Experiments are also conducted outside of Columbus. These experiments are used to study the Earth or to expose materials to the harsh radiation, temperature, and the vacuum of space.

 

 

The mission that delivered the Columbus Laboratory to the ISS was STS-122. On February 7, 2008, the Space Shuttle Atlantis lifted off from Cape Canaveral, with Columbus docked into its cargo bay.

 

A vital part of the ISS and a prerequisite for the STS-122 mission, the Italian-built Node2 module (a.k.a. Harmony) was delivered to the ISS by the STS-120 mission in October 2007. The node is used as a connecting component for the Columbus Laboratory and the Kibo Laboratory.
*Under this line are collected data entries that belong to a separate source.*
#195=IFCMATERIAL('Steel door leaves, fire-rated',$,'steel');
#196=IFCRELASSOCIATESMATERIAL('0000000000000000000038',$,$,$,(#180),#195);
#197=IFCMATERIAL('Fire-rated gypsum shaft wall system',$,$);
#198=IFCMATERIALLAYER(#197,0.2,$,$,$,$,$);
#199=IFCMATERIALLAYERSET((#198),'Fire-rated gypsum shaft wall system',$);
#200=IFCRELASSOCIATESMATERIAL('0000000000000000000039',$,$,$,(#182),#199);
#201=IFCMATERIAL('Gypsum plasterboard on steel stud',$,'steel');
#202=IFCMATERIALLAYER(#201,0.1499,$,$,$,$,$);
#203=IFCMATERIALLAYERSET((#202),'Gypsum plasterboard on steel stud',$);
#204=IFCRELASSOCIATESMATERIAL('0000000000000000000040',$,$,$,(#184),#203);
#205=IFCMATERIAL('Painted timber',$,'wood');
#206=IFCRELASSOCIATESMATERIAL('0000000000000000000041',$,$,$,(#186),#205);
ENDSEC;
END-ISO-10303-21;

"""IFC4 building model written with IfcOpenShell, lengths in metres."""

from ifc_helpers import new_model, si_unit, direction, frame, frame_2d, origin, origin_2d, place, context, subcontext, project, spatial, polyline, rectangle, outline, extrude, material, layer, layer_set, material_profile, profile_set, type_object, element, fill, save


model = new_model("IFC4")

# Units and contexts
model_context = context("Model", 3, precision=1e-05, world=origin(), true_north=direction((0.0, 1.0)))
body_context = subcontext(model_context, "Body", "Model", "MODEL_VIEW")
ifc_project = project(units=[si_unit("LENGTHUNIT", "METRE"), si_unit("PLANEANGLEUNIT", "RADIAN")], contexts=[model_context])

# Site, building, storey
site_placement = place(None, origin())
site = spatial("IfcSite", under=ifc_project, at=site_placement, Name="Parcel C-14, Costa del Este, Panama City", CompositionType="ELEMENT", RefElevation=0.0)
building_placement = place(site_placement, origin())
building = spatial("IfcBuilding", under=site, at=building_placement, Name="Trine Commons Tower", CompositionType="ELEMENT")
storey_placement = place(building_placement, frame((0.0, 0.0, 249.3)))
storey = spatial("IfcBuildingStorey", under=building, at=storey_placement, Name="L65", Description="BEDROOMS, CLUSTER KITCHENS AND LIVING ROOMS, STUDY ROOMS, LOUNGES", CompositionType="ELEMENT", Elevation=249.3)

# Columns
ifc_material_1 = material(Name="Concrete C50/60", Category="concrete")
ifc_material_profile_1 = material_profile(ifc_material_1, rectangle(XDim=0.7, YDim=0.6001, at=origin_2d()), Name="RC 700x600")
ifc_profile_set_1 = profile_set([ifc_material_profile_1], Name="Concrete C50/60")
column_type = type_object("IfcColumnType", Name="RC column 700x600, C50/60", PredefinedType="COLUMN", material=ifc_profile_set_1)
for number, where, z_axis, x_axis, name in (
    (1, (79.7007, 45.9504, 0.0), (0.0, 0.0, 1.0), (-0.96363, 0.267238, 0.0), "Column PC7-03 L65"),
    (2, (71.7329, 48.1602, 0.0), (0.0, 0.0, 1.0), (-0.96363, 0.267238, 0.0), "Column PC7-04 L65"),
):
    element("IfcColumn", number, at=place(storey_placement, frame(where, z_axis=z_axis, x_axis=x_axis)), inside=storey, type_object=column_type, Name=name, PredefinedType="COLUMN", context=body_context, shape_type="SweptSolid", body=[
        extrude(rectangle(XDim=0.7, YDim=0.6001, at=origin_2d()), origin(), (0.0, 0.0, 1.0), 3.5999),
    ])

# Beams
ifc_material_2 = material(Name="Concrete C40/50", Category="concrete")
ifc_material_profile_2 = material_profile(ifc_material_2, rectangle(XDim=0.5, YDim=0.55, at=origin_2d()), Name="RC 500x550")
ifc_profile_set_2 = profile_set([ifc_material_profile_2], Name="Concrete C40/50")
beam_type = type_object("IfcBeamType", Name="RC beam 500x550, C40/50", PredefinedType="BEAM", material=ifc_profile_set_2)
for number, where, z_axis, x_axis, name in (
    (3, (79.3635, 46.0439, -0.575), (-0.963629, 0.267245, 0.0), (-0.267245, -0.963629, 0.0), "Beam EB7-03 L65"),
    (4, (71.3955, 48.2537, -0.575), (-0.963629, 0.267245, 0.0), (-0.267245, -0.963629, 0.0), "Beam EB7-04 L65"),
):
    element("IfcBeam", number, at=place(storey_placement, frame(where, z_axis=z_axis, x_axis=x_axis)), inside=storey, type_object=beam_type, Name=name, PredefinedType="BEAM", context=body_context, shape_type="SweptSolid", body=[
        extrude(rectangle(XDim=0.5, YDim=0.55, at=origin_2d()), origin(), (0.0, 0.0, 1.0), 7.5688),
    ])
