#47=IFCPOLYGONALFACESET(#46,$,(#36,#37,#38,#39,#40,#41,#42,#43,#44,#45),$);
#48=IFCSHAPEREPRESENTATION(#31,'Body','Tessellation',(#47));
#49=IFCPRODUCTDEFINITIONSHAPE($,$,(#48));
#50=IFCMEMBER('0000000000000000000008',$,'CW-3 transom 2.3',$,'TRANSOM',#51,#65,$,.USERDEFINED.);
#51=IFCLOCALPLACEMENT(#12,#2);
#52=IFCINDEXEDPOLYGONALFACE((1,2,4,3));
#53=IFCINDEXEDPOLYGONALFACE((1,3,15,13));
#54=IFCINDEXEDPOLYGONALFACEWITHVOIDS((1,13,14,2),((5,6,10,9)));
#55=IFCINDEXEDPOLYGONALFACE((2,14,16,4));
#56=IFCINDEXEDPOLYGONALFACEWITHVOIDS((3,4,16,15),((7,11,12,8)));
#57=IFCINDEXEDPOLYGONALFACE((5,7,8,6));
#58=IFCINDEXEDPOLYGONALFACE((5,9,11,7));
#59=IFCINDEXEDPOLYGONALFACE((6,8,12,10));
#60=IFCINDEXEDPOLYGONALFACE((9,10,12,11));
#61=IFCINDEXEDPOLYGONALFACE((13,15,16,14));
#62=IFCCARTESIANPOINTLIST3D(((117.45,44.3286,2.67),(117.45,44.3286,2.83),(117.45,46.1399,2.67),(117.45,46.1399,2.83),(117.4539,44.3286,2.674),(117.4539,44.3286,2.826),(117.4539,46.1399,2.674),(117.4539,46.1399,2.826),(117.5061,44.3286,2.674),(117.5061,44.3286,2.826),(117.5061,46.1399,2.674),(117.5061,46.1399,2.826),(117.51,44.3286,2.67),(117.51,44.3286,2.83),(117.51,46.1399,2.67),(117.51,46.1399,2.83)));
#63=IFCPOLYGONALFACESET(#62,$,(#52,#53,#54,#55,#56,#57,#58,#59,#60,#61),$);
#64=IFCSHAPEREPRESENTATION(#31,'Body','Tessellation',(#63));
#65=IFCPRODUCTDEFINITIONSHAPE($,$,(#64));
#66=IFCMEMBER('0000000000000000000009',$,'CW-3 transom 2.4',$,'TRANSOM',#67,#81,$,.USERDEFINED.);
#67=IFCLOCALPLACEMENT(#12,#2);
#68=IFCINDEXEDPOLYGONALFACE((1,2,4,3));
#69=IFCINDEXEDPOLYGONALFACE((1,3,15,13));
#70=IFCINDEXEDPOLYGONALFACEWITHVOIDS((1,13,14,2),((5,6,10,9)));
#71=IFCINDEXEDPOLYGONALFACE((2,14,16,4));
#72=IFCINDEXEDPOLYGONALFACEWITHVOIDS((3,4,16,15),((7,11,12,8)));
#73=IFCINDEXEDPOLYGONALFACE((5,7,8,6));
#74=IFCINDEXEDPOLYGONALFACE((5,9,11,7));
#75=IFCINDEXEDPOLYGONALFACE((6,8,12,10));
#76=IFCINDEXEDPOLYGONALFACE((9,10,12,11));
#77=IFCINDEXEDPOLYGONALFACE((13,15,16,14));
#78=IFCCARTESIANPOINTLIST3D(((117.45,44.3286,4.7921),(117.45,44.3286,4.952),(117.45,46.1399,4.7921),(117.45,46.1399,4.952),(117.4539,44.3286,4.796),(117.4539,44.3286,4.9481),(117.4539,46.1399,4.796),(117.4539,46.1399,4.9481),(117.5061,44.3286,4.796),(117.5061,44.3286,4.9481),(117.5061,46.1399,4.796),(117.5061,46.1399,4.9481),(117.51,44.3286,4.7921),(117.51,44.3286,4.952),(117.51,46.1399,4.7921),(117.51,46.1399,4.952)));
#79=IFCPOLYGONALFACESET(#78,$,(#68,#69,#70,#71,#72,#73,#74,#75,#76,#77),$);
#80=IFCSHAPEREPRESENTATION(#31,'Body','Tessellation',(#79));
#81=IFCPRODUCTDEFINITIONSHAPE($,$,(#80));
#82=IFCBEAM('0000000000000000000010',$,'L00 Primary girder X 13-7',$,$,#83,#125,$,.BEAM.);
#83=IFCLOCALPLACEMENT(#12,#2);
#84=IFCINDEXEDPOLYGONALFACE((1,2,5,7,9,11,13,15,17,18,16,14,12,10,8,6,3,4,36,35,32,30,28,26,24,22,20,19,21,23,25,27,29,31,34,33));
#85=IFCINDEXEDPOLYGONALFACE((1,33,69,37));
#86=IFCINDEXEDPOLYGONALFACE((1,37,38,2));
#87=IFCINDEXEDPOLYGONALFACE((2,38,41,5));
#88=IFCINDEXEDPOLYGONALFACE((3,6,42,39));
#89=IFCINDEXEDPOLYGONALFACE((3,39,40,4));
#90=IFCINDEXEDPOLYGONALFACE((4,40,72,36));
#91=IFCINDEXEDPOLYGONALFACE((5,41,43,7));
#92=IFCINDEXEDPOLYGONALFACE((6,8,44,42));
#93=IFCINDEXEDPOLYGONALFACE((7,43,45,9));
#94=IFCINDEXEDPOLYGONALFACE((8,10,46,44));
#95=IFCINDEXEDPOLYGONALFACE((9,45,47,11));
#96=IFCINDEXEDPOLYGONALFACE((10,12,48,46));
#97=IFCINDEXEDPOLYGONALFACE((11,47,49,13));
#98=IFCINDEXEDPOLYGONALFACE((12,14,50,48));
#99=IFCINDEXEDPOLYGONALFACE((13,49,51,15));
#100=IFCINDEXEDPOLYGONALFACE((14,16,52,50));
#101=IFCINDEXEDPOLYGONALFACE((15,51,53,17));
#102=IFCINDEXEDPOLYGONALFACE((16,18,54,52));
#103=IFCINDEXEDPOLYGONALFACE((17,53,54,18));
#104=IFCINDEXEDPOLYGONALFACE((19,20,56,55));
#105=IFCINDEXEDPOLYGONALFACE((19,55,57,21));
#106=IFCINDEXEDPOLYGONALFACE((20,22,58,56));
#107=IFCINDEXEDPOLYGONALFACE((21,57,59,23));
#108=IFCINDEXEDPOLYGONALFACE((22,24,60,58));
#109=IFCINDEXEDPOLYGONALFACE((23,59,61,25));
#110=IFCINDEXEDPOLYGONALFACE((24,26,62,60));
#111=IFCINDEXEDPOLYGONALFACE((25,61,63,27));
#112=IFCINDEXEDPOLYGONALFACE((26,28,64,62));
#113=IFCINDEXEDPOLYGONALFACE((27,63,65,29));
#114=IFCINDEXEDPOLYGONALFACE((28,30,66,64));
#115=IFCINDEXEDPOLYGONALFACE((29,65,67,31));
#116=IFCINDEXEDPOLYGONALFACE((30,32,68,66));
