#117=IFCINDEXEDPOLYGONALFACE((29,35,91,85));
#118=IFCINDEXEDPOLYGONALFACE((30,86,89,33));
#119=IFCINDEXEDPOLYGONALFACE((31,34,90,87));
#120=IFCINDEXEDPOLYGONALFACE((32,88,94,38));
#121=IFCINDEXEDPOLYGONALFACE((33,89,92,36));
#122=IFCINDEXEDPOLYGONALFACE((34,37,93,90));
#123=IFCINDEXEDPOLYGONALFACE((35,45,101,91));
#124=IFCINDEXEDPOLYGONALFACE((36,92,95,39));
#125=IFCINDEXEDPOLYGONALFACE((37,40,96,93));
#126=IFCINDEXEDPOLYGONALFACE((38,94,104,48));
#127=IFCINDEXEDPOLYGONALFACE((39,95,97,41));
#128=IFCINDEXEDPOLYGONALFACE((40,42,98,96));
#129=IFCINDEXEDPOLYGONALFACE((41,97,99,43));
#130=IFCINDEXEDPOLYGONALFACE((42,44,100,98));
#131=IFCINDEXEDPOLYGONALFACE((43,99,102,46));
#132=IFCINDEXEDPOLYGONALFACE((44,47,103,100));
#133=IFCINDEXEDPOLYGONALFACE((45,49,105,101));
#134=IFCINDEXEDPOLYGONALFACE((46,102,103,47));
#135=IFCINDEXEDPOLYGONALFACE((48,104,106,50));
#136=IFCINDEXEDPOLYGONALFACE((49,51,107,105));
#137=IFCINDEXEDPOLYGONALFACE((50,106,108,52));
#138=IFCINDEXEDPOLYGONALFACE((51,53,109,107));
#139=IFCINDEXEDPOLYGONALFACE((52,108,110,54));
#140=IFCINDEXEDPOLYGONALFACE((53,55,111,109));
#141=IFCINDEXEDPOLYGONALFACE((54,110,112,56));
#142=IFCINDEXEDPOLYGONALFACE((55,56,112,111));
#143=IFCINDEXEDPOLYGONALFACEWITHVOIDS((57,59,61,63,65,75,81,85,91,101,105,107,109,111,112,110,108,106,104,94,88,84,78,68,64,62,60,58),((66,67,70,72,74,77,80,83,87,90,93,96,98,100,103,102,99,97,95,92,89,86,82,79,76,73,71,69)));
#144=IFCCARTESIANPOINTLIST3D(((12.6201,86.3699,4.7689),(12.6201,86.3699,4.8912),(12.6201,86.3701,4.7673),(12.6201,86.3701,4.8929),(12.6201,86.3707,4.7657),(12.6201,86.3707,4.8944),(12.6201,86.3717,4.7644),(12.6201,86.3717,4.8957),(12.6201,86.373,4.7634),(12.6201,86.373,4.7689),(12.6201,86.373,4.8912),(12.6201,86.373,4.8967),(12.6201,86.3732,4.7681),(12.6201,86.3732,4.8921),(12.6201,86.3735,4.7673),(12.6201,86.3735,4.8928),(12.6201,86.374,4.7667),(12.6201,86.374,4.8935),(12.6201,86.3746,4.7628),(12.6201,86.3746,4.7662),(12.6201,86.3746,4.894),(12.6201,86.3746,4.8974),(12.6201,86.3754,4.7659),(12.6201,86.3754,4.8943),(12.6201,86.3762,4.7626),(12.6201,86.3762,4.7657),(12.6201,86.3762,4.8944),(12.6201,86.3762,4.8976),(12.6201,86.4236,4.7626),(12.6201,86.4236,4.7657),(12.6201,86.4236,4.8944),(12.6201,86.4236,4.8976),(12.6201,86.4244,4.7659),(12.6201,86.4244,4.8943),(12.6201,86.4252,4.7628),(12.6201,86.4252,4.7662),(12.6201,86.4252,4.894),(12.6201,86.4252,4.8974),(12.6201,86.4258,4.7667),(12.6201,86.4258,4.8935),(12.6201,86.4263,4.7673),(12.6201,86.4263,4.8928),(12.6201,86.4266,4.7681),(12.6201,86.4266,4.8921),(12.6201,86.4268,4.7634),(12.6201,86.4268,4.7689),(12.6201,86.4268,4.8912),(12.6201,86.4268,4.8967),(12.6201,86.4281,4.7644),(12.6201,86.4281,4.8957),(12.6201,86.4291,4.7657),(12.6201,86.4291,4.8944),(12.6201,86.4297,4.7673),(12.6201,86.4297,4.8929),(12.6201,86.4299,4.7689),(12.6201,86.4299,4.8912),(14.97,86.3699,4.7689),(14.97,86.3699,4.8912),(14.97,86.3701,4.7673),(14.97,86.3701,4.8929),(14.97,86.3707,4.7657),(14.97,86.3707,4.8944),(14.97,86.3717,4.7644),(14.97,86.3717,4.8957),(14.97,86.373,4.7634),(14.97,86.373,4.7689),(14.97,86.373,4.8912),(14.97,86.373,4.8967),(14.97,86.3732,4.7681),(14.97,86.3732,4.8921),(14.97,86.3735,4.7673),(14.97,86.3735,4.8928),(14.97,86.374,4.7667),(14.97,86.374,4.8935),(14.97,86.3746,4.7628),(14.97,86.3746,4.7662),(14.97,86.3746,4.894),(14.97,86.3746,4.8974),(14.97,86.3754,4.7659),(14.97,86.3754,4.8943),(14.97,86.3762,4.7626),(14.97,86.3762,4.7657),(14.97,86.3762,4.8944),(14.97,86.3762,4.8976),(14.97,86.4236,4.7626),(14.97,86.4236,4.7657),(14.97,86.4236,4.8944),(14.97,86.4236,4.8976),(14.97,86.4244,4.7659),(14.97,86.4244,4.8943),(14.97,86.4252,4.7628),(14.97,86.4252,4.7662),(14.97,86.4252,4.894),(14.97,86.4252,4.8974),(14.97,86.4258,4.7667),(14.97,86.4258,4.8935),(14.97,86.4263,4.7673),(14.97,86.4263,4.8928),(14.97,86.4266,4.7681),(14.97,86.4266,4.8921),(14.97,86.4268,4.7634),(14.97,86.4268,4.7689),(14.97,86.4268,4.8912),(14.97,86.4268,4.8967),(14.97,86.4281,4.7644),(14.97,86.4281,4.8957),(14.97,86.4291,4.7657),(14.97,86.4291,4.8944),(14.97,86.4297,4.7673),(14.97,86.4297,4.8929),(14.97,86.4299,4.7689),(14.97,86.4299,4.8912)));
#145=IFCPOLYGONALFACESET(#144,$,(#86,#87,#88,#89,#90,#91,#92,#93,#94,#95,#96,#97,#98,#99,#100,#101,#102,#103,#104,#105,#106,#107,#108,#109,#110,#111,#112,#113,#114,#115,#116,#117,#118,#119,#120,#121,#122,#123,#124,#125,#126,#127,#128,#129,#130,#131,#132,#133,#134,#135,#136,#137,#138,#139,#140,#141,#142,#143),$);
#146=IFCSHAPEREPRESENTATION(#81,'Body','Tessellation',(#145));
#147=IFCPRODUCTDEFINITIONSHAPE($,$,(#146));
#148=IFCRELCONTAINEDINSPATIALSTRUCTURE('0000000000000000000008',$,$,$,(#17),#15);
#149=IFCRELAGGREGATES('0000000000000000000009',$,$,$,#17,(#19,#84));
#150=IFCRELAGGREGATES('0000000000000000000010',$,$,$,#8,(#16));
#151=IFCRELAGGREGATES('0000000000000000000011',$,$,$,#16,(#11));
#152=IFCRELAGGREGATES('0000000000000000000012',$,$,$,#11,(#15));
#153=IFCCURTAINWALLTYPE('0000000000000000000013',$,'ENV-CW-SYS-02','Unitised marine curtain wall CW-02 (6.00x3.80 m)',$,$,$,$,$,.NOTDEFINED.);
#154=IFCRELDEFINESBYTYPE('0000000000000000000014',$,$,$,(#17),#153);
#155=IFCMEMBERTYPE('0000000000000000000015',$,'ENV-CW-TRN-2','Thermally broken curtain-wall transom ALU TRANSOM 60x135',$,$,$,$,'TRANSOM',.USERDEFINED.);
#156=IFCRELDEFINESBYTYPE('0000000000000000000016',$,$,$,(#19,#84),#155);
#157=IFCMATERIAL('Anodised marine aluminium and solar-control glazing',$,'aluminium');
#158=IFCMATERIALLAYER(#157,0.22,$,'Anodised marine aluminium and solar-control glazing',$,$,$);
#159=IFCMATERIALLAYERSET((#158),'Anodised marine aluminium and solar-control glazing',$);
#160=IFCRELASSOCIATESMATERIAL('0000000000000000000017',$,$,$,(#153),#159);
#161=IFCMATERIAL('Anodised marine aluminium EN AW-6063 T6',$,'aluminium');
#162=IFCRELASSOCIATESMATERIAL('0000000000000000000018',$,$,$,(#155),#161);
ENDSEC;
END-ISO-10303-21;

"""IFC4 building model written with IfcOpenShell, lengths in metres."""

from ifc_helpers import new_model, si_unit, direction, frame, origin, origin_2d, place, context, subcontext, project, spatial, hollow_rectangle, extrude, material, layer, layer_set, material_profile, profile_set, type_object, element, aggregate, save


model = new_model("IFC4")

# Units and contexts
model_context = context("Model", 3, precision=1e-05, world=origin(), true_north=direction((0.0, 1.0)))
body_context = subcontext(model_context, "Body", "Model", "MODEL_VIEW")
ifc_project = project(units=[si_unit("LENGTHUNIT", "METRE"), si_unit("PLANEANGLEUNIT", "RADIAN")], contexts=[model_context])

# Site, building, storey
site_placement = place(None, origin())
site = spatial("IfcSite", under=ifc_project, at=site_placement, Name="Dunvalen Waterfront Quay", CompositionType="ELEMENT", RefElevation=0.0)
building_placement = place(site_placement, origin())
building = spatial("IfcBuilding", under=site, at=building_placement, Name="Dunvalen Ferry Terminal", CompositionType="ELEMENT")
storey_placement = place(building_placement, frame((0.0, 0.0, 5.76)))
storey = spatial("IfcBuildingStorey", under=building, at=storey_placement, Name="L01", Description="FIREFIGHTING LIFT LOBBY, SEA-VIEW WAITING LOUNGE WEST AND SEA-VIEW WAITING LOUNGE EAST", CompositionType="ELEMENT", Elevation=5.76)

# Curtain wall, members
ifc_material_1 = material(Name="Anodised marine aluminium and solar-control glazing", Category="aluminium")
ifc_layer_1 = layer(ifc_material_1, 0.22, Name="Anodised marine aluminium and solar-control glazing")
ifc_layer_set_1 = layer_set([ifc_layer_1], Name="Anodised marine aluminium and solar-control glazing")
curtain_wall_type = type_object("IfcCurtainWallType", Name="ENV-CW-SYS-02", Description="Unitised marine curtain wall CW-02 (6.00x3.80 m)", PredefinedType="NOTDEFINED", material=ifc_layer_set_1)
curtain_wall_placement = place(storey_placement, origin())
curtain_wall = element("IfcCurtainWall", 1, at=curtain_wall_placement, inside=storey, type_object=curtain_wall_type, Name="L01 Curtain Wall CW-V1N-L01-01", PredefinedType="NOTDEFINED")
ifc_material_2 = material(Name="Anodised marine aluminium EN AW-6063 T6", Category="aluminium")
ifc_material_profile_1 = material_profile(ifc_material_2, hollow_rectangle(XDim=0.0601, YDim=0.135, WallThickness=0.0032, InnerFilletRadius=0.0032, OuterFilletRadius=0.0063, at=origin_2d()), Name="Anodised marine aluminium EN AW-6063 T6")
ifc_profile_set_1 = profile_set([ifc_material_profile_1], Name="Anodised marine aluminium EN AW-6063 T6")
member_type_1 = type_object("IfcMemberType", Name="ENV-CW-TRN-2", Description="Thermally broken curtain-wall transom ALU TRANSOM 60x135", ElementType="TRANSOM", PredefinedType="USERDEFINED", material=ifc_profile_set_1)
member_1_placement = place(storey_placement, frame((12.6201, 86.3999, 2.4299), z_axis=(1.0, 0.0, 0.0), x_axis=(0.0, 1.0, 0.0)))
Node2 is also a docking port for the Space Shuttle.

 

Credits: ESA/NASA

 

Prior to the STS-122 mission , there were two spacewalks performed by the ISS Expedition 16 crew to prepare Node2 in order to receive the Columbus Laboratory.

 

ESA astronauts Léopold Eyharts from France and Hans Schlegel from Germany were members of the STS-122 mission. With five other NASA astronauts, they were part of the Columbus assembly and commissioning mission.

 

 

Schlegel spent twelve days in space and undertook two spacewalks to install the laboratory. Eyharts oversaw the installation and the start-up of the laboratory during a longer mission spent onboard the ISS.

 

Columbus was attached to the Harmony module on February 11, 2008, during the first spacewalk of the STS-122 mission. During this spacewalk, NASA astronauts Stanley Love and Rex Walheim spent nearly eight hours outside the ISS. The ISS robotic arm, Canadarm2, was used to move the laboratory from the cargo bay of the Space Shuttle to the starboard side of the Harmony module.

 

Credits: ESA/NASA

 

The second spacewalk of the mission lasted six hours and forty-five minutes. Schlegel and Walheim performed a regular station maintenance operation: they replaced the nitrogen tank that is used to pressurize the ammonia cooling system that runs on the ISS.

 

 

ESA was quite inspired to name the laboratory Columbus because it will open the world of micro gravity to a multitude of discoveries, in the same way that Christoforo Columbus opened up the New World to European explorers.